The CheXpert labeler code is available at: https://github.com/stanfordmlgroup/chexpert-labeler
The source code is publicly available at: https://github.com/cloneiq/C3E-RRG
git clone https://github.com/cloneiq/C3E-RRG.git
cd C3E-RRGconda env create -f requirements.yaml
conda activate mrgPrepare the datasets, well-trained models, and configuration paths according to the instructions in Preparation.
Run the evaluation scripts as described in Evaluation.

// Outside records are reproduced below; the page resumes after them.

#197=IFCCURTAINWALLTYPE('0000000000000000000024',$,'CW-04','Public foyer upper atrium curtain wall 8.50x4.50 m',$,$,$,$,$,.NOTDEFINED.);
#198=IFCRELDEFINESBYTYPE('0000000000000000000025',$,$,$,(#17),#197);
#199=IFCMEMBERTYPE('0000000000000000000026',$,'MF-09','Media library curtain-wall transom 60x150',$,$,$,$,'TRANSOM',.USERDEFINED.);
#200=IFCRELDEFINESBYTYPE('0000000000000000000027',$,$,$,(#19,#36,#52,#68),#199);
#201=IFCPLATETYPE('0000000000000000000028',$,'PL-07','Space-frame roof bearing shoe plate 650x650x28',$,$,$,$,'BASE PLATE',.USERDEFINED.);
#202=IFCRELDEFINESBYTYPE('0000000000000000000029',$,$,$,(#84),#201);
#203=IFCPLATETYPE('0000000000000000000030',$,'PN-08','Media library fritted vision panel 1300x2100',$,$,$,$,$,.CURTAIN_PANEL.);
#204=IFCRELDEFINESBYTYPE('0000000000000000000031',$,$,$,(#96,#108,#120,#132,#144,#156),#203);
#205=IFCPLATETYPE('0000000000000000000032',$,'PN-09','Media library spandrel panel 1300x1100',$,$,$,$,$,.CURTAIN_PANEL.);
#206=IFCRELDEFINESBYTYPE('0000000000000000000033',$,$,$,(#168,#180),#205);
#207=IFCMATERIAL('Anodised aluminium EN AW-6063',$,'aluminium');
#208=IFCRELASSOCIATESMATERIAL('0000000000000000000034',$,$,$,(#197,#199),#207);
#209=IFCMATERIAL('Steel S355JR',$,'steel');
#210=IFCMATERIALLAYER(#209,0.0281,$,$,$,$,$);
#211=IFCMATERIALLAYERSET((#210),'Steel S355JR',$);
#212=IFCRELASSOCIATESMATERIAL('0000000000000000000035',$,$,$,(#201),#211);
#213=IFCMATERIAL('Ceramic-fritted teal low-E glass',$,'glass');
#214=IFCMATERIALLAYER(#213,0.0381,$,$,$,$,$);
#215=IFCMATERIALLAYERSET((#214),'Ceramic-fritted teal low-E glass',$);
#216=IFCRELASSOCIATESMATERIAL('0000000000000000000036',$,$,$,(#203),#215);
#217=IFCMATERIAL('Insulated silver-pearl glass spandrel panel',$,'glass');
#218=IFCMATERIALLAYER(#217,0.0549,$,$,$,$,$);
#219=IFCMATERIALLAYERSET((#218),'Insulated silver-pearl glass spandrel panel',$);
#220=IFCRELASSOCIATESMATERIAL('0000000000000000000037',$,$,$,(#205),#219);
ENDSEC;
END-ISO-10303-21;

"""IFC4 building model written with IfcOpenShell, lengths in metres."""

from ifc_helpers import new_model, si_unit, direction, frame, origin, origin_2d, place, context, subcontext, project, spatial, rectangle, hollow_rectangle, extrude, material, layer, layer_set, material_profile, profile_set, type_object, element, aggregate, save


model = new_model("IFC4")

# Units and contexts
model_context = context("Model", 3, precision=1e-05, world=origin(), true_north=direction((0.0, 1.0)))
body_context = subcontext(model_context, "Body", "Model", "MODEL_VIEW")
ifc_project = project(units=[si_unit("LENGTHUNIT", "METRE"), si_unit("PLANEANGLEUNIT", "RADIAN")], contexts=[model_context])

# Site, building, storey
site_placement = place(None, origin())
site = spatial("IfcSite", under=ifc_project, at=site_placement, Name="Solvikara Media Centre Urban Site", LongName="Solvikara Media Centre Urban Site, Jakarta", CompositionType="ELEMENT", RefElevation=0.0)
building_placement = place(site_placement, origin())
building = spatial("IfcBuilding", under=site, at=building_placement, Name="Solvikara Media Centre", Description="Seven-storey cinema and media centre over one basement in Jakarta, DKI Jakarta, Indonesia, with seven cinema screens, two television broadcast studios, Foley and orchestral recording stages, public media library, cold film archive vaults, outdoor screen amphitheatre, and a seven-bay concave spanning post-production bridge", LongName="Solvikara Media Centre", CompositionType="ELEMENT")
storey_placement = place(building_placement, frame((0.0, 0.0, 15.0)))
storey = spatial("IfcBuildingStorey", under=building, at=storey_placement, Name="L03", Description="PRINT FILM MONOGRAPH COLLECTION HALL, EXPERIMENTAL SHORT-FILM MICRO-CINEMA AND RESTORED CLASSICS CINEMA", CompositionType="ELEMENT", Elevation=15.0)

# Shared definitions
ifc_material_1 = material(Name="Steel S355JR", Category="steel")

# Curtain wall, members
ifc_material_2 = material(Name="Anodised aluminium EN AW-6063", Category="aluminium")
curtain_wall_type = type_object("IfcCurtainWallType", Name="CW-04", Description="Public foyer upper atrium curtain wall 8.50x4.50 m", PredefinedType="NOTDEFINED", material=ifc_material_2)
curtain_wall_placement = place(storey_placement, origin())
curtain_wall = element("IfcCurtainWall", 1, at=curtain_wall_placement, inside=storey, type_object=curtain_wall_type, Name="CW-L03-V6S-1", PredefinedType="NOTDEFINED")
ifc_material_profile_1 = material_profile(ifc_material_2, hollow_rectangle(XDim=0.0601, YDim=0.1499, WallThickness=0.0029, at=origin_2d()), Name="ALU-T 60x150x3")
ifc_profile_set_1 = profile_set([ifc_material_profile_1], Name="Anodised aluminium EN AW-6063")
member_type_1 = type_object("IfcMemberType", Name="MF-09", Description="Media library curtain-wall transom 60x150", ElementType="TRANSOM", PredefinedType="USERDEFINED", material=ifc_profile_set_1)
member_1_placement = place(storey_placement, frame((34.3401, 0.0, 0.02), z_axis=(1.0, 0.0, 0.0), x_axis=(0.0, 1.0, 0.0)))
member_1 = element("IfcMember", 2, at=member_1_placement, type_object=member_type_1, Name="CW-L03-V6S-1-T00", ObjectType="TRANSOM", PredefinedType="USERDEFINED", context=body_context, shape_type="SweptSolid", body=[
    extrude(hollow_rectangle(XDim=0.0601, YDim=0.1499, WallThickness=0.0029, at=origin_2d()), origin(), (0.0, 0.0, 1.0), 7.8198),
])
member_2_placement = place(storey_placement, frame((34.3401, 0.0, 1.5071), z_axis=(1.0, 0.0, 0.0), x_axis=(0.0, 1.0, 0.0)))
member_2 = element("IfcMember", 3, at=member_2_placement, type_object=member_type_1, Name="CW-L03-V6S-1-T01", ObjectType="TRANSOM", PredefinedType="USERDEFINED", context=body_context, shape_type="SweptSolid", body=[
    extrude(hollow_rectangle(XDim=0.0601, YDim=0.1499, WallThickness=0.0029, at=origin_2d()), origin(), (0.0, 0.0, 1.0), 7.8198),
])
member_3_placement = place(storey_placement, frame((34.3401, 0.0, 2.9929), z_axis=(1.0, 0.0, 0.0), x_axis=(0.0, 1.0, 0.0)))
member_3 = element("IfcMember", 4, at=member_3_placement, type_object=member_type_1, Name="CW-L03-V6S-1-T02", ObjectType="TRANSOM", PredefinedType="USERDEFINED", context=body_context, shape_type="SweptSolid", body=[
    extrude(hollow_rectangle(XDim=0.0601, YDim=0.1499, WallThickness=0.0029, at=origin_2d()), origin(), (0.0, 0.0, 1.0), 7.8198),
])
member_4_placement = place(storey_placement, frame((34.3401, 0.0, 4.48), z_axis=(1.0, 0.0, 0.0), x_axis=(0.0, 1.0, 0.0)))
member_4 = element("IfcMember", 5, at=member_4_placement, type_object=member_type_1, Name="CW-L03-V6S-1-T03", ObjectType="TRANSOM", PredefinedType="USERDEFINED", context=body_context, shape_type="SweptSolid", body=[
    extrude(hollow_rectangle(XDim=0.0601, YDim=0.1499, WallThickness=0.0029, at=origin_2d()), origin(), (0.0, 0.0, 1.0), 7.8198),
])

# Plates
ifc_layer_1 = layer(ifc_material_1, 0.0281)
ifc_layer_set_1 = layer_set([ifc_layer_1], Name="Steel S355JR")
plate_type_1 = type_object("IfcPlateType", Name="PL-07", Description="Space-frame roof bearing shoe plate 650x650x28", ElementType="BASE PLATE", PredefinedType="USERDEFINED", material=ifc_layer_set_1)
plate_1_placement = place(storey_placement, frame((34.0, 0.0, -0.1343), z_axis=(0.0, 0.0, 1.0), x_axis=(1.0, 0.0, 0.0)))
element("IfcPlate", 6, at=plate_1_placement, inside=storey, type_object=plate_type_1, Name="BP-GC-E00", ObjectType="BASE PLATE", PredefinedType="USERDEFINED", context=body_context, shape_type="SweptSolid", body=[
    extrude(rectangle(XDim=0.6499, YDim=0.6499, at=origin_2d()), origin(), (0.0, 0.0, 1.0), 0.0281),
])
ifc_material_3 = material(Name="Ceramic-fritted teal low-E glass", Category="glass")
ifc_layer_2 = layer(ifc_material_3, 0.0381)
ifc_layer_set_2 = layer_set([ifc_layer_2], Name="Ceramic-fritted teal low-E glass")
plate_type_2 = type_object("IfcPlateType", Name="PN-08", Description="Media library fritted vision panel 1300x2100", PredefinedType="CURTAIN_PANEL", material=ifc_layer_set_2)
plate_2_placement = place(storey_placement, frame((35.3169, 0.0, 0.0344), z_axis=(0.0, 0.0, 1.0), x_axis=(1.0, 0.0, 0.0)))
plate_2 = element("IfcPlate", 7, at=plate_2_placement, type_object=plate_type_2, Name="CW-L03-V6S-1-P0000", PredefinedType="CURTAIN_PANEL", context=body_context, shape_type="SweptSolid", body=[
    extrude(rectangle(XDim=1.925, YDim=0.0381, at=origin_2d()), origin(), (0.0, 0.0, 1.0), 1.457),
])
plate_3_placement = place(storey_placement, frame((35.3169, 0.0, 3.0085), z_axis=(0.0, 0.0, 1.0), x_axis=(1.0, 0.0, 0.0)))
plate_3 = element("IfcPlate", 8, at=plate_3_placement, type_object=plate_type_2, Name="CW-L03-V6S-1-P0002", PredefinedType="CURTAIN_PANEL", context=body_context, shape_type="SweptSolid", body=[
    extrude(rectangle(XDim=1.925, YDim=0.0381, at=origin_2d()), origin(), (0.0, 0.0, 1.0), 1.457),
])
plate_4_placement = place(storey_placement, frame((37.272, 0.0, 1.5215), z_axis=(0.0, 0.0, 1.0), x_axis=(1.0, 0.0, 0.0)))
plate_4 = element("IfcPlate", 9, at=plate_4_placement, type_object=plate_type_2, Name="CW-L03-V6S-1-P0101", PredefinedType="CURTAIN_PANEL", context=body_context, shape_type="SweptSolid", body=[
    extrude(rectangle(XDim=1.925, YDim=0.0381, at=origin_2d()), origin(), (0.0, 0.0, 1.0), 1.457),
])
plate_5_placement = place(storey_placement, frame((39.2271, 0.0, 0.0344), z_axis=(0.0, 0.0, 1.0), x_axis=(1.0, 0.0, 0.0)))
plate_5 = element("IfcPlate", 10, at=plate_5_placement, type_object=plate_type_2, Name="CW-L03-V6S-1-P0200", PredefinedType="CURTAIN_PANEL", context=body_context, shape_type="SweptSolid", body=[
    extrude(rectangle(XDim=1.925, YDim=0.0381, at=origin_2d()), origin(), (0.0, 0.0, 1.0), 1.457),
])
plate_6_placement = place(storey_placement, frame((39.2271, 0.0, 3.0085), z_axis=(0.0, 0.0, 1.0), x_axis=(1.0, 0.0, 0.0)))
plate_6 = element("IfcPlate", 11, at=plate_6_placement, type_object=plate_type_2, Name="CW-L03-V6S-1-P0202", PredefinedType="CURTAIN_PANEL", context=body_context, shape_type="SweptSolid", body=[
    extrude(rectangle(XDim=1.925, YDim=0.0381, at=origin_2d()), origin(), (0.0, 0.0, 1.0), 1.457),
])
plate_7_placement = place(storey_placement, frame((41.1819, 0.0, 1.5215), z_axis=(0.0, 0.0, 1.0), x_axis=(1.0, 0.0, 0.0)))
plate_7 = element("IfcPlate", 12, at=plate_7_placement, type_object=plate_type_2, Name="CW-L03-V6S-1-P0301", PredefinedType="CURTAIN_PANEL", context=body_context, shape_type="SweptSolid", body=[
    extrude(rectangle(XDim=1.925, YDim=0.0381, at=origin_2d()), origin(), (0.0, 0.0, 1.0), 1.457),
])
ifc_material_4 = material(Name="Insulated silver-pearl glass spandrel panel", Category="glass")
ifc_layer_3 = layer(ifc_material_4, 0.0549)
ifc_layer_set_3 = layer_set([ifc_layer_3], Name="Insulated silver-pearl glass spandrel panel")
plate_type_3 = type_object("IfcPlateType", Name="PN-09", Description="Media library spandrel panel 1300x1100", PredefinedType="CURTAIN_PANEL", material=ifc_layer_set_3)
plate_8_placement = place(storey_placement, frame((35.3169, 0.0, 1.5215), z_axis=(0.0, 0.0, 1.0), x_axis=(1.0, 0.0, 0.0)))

The code structure of our C3E-RRG is organized as follows:
C3E-RRG/
├── config/ # Configuration files for datasets
│ ├── iu_xray/
│ │ ├── baseline.json
│ │ └── iu_dymes.json
│ └── mimic_cxr/
│ ├── baseline.json
│ └── mimic_dymes.json
├── models/ # Model architectures
│ ├── __init__.py
│ ├── baseline.py
│ └── dymes.py # Our proposed C3E-RRG model
│
├── modules/ # Core network modules
│ ├── __init__.py
│ ├── beam_search.py
│ ├── coatnet.py
│ ├── misc.py
│ ├── modules4transformer.py
│ ├── feature_disentanglement/ # Visual feature extraction (CMCRL)
│ ├── modules4vlp.py
│ ├── pos_embed.py
│ ├── bidirectional_evolution.py
│ ├── causal_entanglement.py
│ ├── causal_hollow_index.py
│ └── confounder_modeling.py
│
├── data/ # Dataset processing
│ ├── datadownloader.py
│ ├── iu_xray/
│ └── mimic-cxr/
│
├── metric/ # Evaluation metrics
│ ├── bleu/
│ ├── cider/
│ ├── meteor/
│ ├── rouge/
│ ├── metrics.py
│ ├── __init__.py
│ └── eval.py
│
├── trainer/ # Training pipelines
│ ├── __init__.py
│ ├── BaseTrainer.py
│ ├── PretrainTrainer.py
│ └── FinetuneTrainer.py
│
├── utils/ # Utility functions
│ ├── __init__.py
│ ├── cvt_im_tensor.py
│ ├── dataloaders.py
│ ├── dataset.py
│ ├── html_utils.py
│ ├── loss.py
│ ├── optimizers.py
│ ├── tensor_utils.py
│ ├── monitor.py
│ ├── tokenizers_utils.py
│ └── vis_utils.py # Visualization tools
│
├── tools/ # Preprocessing tools
│ ├── normal_template/ # Normal template construction
│ ├── build_disease_corr.py # Disease co-occurrence matrix
│ └── build_pmi_matrix.py # Language prior matrix
│
├── pretrain/ # Pre-trained files & matrices
│ ├── iu_xray/
│ │ ├── disease_corr_iu_xray.npy
│ │ ├── pmi_matrix_iu_xray.pt
│ │ └── normal_template_iu_xray.npy
│ └── mimic_cxr/
│ ├── disease_corr_mimic_cxr.npy
│ ├── pmi_matrix_mimic_cxr.pt
│ └── normal_template_mimic_cxr.npy
│
├── results/ # Experimental results
│ ├── iu_xray/
│ └── mimic_cxr/
│
├── main.py # Main entry
├── requirements.yaml # Environment dependencies
├── README.md
└── .gitignore
All the requirements are listed in the requirements.yaml file. Please use this command to create a new environment and activate it.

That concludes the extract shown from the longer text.